Experiments have also shown that by children having experience of a food, whether it is simply by it being on their plate rather than it being eaten, then they will at some point feel brave enough to try it. So, for example, every Sunday you have a roast and a little of every vegetable is on your child's plate - carrots, broccoli and cabbage. Your child never eats the vegetables, but will eat the roast chicken and potatoes. However, on the Tuesday, your child is cooking at school with all her/his class. They are making a stir fry and is being encouraged to try and eat it. Although she/he may not like carrots, she/he will more than likely try the carrots first before peppers etc because she/he is more familiar with them, they are less scary.

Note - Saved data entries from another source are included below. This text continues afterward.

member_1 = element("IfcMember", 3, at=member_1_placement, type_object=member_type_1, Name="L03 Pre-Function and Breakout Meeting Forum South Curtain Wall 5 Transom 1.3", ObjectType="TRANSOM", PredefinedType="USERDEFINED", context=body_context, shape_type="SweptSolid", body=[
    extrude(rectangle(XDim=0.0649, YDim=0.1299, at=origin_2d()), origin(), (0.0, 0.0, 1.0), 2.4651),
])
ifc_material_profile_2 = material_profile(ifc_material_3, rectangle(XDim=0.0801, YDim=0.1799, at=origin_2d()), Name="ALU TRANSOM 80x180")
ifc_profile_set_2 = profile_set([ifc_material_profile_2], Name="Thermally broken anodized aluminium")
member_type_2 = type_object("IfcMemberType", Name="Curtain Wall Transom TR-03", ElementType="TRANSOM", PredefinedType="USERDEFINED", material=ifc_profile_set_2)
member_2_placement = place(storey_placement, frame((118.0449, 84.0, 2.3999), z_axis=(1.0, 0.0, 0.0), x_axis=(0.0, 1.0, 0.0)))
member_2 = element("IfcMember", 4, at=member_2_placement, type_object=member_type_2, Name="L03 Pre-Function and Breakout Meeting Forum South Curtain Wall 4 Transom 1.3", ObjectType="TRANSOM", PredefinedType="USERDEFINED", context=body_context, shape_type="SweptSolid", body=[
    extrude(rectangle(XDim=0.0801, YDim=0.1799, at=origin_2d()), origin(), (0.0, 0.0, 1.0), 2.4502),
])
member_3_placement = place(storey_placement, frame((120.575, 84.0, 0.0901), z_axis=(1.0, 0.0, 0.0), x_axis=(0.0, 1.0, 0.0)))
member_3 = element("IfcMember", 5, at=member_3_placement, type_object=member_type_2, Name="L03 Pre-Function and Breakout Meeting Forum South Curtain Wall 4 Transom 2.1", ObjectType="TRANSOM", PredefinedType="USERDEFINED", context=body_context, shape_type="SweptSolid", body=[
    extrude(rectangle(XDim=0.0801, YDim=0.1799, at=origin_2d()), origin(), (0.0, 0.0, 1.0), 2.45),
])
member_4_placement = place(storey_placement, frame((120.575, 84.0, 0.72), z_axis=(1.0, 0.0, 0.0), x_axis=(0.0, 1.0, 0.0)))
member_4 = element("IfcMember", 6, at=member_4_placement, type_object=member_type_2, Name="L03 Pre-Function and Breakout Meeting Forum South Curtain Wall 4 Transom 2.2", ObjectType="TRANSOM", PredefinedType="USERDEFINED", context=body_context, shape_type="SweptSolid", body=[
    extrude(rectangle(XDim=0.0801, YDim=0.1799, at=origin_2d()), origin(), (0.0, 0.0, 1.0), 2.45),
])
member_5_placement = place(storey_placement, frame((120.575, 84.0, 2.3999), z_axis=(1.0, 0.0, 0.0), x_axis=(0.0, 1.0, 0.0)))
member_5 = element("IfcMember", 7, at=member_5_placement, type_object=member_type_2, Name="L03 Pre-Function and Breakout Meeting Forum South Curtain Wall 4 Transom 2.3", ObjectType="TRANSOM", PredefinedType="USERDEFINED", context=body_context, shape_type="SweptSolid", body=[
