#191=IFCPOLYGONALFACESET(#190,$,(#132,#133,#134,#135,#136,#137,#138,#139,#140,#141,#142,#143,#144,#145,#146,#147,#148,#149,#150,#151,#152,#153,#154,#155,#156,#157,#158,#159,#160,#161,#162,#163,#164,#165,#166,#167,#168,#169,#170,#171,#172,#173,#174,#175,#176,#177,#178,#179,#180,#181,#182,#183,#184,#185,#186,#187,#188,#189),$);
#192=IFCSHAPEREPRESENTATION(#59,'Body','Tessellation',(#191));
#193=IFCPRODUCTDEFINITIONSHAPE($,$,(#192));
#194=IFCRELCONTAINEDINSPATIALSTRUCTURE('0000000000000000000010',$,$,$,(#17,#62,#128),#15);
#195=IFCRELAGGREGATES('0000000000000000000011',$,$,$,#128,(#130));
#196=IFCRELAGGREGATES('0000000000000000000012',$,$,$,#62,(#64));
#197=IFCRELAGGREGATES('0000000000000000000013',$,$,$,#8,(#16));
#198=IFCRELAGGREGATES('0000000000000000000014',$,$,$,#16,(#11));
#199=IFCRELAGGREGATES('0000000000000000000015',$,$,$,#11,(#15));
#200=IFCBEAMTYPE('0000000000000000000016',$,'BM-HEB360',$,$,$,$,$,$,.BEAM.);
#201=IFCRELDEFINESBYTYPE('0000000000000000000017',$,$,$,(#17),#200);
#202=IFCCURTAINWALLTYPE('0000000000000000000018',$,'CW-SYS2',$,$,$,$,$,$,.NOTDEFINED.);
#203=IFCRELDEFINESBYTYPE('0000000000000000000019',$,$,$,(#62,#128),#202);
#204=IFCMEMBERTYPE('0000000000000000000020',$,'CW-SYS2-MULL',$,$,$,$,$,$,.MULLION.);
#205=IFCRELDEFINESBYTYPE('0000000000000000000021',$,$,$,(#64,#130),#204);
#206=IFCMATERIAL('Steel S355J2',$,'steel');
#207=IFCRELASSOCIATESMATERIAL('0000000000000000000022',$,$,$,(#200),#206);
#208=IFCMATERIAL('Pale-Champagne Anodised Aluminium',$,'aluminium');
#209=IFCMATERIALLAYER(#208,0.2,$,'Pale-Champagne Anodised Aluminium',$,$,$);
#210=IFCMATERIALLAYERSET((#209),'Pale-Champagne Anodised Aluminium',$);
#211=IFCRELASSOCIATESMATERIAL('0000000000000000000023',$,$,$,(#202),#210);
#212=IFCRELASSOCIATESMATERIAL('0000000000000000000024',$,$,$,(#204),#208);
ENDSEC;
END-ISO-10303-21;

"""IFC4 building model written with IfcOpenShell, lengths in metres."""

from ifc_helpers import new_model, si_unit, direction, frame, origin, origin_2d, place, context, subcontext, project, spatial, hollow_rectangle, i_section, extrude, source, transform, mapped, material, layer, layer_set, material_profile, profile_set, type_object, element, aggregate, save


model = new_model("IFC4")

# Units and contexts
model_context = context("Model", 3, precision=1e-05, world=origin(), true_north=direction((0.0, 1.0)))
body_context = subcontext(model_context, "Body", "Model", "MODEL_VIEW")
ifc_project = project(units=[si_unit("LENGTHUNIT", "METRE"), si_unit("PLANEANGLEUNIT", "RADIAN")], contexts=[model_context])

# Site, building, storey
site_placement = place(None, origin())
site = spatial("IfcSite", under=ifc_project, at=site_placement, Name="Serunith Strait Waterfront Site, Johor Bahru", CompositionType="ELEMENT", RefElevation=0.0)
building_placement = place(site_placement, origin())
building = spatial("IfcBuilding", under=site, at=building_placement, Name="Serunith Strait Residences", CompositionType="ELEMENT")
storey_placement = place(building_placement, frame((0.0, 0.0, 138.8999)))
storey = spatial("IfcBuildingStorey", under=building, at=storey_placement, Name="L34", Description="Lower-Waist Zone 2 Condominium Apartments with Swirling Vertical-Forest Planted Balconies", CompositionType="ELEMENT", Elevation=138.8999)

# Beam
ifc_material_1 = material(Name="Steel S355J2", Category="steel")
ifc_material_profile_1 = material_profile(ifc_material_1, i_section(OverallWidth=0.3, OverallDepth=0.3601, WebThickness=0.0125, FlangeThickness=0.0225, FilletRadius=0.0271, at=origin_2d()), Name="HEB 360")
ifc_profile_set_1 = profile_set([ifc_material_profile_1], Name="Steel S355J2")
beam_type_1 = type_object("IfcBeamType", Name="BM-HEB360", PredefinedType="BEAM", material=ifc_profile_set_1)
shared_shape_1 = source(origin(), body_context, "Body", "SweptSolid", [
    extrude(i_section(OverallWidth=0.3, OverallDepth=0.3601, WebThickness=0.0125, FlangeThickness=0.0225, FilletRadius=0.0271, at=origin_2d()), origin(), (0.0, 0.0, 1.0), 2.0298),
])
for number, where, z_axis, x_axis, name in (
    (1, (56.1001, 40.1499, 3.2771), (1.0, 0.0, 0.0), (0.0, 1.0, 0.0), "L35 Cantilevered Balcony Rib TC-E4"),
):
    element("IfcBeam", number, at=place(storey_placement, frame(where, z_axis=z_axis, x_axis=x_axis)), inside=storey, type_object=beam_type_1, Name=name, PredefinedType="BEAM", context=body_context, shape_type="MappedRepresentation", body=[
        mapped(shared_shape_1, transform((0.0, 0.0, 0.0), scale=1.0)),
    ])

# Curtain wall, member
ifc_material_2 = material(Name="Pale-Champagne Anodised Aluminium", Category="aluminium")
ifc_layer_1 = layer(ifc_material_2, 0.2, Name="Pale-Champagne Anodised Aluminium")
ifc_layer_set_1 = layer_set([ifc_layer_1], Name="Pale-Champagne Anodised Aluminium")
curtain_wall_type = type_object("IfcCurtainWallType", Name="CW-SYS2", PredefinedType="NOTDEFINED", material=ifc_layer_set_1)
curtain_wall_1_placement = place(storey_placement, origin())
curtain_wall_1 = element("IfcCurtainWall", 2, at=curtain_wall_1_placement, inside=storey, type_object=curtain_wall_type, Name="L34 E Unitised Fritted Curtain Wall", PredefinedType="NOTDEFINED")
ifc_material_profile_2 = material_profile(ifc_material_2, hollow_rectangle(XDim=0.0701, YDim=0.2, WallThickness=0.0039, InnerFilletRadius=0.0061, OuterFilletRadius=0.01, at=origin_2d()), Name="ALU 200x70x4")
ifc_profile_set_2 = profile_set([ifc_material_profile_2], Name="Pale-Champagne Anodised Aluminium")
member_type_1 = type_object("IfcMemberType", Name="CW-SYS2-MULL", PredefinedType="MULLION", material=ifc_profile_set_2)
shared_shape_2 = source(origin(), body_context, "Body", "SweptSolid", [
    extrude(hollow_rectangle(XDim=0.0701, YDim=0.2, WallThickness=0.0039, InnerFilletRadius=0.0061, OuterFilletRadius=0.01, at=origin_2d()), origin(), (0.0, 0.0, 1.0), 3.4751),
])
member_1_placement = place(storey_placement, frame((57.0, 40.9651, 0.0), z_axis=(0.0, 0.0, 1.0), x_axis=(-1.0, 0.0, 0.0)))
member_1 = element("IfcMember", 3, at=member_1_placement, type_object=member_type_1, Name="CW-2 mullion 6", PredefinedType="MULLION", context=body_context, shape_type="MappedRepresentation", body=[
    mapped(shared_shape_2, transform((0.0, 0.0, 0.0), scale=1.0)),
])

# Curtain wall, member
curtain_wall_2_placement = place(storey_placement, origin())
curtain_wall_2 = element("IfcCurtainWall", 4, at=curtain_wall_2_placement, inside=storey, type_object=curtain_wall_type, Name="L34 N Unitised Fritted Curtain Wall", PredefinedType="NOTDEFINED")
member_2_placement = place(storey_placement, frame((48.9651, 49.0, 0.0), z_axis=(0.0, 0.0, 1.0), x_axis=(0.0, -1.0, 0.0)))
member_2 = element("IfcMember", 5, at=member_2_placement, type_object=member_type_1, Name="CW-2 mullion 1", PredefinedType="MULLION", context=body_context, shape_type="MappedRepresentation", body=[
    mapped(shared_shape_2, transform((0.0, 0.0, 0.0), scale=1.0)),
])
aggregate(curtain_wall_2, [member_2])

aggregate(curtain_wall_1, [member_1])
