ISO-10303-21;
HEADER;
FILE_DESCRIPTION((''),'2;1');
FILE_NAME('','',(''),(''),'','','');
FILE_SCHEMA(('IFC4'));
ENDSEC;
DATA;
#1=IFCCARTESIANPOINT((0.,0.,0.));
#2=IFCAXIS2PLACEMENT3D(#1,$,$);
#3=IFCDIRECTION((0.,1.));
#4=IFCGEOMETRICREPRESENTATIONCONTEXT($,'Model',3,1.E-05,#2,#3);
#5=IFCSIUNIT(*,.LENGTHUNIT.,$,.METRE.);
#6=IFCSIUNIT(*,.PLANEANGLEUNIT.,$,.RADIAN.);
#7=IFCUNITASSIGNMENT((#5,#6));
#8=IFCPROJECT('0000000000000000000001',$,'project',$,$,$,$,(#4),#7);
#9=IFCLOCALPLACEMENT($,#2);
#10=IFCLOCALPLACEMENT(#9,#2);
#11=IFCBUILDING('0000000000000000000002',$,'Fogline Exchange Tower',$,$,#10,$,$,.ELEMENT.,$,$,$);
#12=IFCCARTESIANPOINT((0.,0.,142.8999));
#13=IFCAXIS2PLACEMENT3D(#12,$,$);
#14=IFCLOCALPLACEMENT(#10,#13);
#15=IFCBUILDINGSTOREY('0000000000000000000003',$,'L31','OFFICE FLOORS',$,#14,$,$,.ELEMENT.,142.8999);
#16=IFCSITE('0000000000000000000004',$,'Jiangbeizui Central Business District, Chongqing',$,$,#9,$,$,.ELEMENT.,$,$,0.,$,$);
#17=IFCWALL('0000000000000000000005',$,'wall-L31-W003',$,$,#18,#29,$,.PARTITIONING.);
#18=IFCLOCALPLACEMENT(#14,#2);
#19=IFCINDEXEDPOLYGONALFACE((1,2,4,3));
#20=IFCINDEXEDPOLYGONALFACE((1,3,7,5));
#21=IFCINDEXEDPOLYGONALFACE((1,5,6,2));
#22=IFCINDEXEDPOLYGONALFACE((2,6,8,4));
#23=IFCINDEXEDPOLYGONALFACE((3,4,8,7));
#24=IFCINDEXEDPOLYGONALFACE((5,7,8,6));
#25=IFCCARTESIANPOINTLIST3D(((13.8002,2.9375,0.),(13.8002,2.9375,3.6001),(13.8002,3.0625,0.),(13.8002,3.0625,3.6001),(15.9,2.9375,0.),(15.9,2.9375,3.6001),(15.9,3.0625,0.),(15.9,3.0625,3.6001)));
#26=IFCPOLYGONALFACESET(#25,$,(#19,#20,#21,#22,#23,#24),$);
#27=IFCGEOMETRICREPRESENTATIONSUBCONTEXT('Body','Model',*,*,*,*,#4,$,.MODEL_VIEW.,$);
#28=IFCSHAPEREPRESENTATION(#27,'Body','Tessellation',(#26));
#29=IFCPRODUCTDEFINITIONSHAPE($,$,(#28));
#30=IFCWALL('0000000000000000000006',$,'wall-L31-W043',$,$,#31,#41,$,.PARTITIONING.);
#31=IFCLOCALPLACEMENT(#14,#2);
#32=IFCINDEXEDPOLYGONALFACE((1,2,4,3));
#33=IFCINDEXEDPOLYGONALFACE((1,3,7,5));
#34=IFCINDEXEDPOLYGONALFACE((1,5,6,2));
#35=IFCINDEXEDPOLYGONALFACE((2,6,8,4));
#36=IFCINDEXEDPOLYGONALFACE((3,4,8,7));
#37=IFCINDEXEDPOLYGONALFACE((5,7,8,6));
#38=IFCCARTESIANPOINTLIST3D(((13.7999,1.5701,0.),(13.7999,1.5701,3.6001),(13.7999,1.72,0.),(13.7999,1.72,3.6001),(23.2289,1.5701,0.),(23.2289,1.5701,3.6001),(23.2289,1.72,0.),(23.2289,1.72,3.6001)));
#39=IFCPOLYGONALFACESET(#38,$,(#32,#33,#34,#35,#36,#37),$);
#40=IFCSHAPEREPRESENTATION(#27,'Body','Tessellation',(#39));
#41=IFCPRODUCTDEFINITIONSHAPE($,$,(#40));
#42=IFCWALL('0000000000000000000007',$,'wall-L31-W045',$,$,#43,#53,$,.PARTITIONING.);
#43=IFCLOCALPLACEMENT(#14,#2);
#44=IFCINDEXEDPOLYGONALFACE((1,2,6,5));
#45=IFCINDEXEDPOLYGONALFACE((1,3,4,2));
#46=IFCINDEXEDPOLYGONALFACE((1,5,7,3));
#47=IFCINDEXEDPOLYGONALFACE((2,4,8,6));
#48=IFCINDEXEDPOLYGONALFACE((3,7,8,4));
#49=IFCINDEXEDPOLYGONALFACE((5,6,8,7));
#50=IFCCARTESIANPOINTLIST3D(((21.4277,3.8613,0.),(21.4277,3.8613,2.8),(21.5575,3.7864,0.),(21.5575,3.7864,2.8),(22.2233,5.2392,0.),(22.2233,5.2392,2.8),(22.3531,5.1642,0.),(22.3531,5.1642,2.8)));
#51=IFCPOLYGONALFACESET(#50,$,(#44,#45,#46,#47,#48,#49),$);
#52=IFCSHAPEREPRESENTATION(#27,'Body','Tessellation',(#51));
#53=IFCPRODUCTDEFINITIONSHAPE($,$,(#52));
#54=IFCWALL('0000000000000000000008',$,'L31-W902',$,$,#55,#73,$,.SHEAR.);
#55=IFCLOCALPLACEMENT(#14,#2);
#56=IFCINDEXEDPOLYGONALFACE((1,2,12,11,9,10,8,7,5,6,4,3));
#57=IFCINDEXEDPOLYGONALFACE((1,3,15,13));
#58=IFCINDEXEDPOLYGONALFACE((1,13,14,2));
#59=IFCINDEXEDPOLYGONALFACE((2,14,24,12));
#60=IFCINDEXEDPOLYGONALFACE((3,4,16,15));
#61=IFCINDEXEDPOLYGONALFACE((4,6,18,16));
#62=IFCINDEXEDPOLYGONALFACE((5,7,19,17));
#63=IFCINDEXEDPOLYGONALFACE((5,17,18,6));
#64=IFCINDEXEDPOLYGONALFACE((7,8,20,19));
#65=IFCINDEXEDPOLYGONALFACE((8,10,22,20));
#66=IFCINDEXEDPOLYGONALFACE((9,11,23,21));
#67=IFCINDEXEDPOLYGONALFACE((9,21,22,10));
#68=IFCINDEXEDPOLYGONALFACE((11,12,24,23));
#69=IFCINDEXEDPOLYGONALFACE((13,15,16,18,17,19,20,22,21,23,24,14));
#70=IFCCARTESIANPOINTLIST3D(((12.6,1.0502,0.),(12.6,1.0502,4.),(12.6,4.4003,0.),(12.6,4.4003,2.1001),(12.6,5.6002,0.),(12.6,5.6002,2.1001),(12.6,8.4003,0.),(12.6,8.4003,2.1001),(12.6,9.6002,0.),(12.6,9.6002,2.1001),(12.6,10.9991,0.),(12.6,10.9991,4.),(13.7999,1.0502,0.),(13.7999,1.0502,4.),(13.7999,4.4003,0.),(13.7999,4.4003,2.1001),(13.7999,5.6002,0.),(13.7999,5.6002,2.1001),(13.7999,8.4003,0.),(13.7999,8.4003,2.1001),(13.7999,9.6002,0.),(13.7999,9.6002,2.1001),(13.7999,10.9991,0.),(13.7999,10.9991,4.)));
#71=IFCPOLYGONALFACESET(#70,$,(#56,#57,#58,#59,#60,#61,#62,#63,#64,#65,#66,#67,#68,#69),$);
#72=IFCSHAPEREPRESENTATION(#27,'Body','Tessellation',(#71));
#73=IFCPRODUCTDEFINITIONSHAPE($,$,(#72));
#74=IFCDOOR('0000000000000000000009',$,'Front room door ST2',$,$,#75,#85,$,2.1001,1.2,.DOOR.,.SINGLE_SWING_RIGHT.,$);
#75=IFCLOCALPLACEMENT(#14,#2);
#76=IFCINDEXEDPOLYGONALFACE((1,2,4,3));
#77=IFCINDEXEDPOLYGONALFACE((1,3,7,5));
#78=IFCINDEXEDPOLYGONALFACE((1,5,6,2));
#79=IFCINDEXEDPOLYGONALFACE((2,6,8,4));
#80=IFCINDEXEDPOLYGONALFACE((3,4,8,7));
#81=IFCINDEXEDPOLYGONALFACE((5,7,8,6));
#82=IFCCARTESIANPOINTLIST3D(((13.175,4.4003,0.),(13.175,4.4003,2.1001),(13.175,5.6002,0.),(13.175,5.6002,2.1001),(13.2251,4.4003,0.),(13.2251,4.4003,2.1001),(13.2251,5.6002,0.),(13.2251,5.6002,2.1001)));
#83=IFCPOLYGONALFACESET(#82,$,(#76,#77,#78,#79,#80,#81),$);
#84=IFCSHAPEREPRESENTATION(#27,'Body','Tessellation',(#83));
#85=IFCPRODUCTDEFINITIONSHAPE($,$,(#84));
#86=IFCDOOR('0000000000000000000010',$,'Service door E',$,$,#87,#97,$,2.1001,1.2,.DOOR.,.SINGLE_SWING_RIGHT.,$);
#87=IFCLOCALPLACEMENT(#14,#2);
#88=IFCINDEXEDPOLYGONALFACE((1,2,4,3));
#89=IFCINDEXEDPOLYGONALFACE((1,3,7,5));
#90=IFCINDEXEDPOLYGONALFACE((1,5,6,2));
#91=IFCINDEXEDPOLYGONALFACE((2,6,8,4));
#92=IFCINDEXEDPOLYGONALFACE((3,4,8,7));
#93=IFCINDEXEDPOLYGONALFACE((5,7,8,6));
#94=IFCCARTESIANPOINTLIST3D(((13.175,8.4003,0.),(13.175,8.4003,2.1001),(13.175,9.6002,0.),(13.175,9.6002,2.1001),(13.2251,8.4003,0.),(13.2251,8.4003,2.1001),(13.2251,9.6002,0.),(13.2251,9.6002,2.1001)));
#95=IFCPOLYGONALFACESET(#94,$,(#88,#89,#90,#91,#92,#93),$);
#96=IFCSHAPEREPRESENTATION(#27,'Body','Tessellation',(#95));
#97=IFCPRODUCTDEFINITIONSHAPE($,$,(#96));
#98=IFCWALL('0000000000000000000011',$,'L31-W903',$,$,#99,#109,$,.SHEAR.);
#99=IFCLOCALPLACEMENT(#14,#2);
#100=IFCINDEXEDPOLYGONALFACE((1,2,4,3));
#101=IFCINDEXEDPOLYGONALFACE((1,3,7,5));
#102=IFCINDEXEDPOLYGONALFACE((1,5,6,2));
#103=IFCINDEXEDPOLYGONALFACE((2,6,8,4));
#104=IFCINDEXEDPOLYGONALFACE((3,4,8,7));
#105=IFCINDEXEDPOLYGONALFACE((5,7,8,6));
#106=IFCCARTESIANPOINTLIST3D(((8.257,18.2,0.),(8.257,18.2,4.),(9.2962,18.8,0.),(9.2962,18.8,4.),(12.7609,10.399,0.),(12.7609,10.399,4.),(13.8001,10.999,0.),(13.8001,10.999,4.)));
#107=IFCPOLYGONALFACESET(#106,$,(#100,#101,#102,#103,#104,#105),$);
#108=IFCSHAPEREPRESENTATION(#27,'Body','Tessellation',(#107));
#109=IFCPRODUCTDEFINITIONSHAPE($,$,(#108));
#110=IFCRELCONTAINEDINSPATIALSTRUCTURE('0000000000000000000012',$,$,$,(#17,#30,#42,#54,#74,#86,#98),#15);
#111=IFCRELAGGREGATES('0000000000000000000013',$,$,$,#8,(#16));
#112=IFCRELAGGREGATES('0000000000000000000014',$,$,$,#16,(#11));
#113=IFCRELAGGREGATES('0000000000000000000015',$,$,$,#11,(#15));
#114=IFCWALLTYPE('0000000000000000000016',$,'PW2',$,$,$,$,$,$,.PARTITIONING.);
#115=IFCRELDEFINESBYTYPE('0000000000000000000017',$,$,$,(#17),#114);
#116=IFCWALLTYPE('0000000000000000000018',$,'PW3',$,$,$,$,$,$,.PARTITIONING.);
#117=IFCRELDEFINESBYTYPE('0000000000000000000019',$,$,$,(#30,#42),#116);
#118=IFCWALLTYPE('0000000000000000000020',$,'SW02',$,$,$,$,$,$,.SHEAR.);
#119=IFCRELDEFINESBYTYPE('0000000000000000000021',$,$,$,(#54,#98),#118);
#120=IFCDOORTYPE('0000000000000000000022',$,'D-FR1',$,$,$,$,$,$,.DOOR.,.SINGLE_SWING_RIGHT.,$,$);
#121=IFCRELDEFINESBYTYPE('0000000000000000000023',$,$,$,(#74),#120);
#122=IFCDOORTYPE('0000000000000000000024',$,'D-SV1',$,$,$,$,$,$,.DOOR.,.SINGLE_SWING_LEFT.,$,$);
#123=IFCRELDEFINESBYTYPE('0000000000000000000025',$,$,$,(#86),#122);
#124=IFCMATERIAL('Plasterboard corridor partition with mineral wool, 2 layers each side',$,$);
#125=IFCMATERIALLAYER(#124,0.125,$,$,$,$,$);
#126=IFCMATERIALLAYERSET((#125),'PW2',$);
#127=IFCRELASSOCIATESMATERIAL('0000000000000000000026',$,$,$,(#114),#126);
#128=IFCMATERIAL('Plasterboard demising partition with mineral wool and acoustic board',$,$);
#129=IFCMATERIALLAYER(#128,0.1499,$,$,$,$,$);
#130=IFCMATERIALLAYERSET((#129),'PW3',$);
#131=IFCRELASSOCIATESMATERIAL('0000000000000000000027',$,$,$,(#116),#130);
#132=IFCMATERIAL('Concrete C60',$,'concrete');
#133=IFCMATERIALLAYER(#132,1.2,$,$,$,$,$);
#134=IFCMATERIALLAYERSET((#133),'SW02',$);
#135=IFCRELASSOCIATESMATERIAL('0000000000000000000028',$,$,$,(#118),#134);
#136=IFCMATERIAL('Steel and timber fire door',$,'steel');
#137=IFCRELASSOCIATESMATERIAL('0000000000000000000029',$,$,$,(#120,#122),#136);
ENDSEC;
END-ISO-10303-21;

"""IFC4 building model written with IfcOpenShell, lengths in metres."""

from ifc_helpers import new_model, si_unit, direction, frame, frame_2d, origin, place, context, subcontext, project, spatial, rectangle, extrude, material, layer, layer_set, type_object, element, fill, save


model = new_model("IFC4")

# Units and contexts
model_context = context("Model", 3, precision=1e-05, world=origin(), true_north=direction((0.0, 1.0)))
body_context = subcontext(model_context, "Body", "Model", "MODEL_VIEW")
ifc_project = project(units=[si_unit("LENGTHUNIT", "METRE"), si_unit("PLANEANGLEUNIT", "RADIAN")], contexts=[model_context])

# Site, building, storey
site_placement = place(None, origin())
site = spatial("IfcSite", under=ifc_project, at=site_placement, Name="Jiangbeizui Central Business District, Chongqing", CompositionType="ELEMENT", RefElevation=0.0)
building_placement = place(site_placement, origin())
building = spatial("IfcBuilding", under=site, at=building_placement, Name="Fogline Exchange Tower", CompositionType="ELEMENT")
storey_placement = place(building_placement, frame((0.0, 0.0, 142.8999)))
storey = spatial("IfcBuildingStorey", under=building, at=storey_placement, Name="L31", Description="OFFICE FLOORS", CompositionType="ELEMENT", Elevation=142.8999)

# Shared definitions
ifc_material_1 = material(Name="Steel and timber fire door", Category="steel")

# Walls
ifc_material_2 = material(Name="Plasterboard corridor partition with mineral wool, 2 layers each side")
ifc_layer_1 = layer(ifc_material_2, 0.125)
ifc_layer_set_1 = layer_set([ifc_layer_1], Name="PW2")
wall_type_1 = type_object("IfcWallType", Name="PW2", PredefinedType="PARTITIONING", material=ifc_layer_set_1)
wall_1_placement = place(storey_placement, frame((15.8999, 3.0, 0.0), z_axis=(0.0, 0.0, 1.0), x_axis=(-1.0, 0.0, 0.0)))
element("IfcWall", 1, at=wall_1_placement, inside=storey, type_object=wall_type_1, Name="wall-L31-W003", PredefinedType="PARTITIONING", context=body_context, shape_type="SweptSolid", body=[
    extrude(rectangle(XDim=2.0999, YDim=0.125, at=frame_2d((1.0498, 0.0))), origin(), (0.0, 0.0, 1.0), 3.6001),
])
ifc_material_3 = material(Name="Plasterboard demising partition with mineral wool and acoustic board")
ifc_layer_2 = layer(ifc_material_3, 0.1499)
ifc_layer_set_2 = layer_set([ifc_layer_2], Name="PW3")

Many parents say to me that a child simply refuses to eat if they are not given what they like. I completely understand where the child is coming from. I at times would rather miss out on lunch if there is nothing I like. However, I'll let you in on a secret. I would never starve myself. If I was in need of food, then of course I would try a little of something, even if I could not stomach a lot. I'll always choose white bread over brown, but if I had no choice then I would eat brown bread. I don't like onion in a pasty, but I have been known to eat one if I have to.
For someone who has no issue with food it is hard to understand, but please have patience and compassion. At the same time parents, don't let your little dears get away with simply eating chicken nuggets and chips. If you need to, alter your recipes to make the meals more palatable for your child. I will eat cottage pie, but I need to know what's in it and how it is cooked. I eat a stew, but only with certain vegetables in. When I was pregnant with my first child, many people told me I needed to sort my eating out, but certain levels in my blood were really good, that my midwife said I must eat a great balanced diet!! If only she knew. While pregnant with my second child, I thought I really do need to try more. I remember ordering salmon, and eating a few mouthfuls and not being able to go any further. At least I tried!
In conclusion, take a deep breath parents and try not to let the issue of fussy eating become an issue. Also, try not to let the opinion of others on your child become a worry. Again if your child gets invited to another child's house for tea, rather than worry, explain to the other parent that your child may not eat a lot. It really doesn't matter. As long as they have their manners and try something on the plate, then do not worry. Also, do not think that you need to give them another meal when they get home. Ask about what they had to eat. Did they try it? Give lots of positive reinforcement for them dealing with a tricky situation. If they are still hungry offer them a piece of fruit when they get home.
Many children in our country do not ever experience what true hunger is and most children will always relent and eat something before they ever get to a point of making themselves ill. This does not always apply to every child, so if you are ever really worried about your child then do seek medical advice. However, do at times stay strong, reward the attempts at trying new foods, (even if it is just a little bit), try to stay calm and remember that we are all different and new things can be scary, even new foods.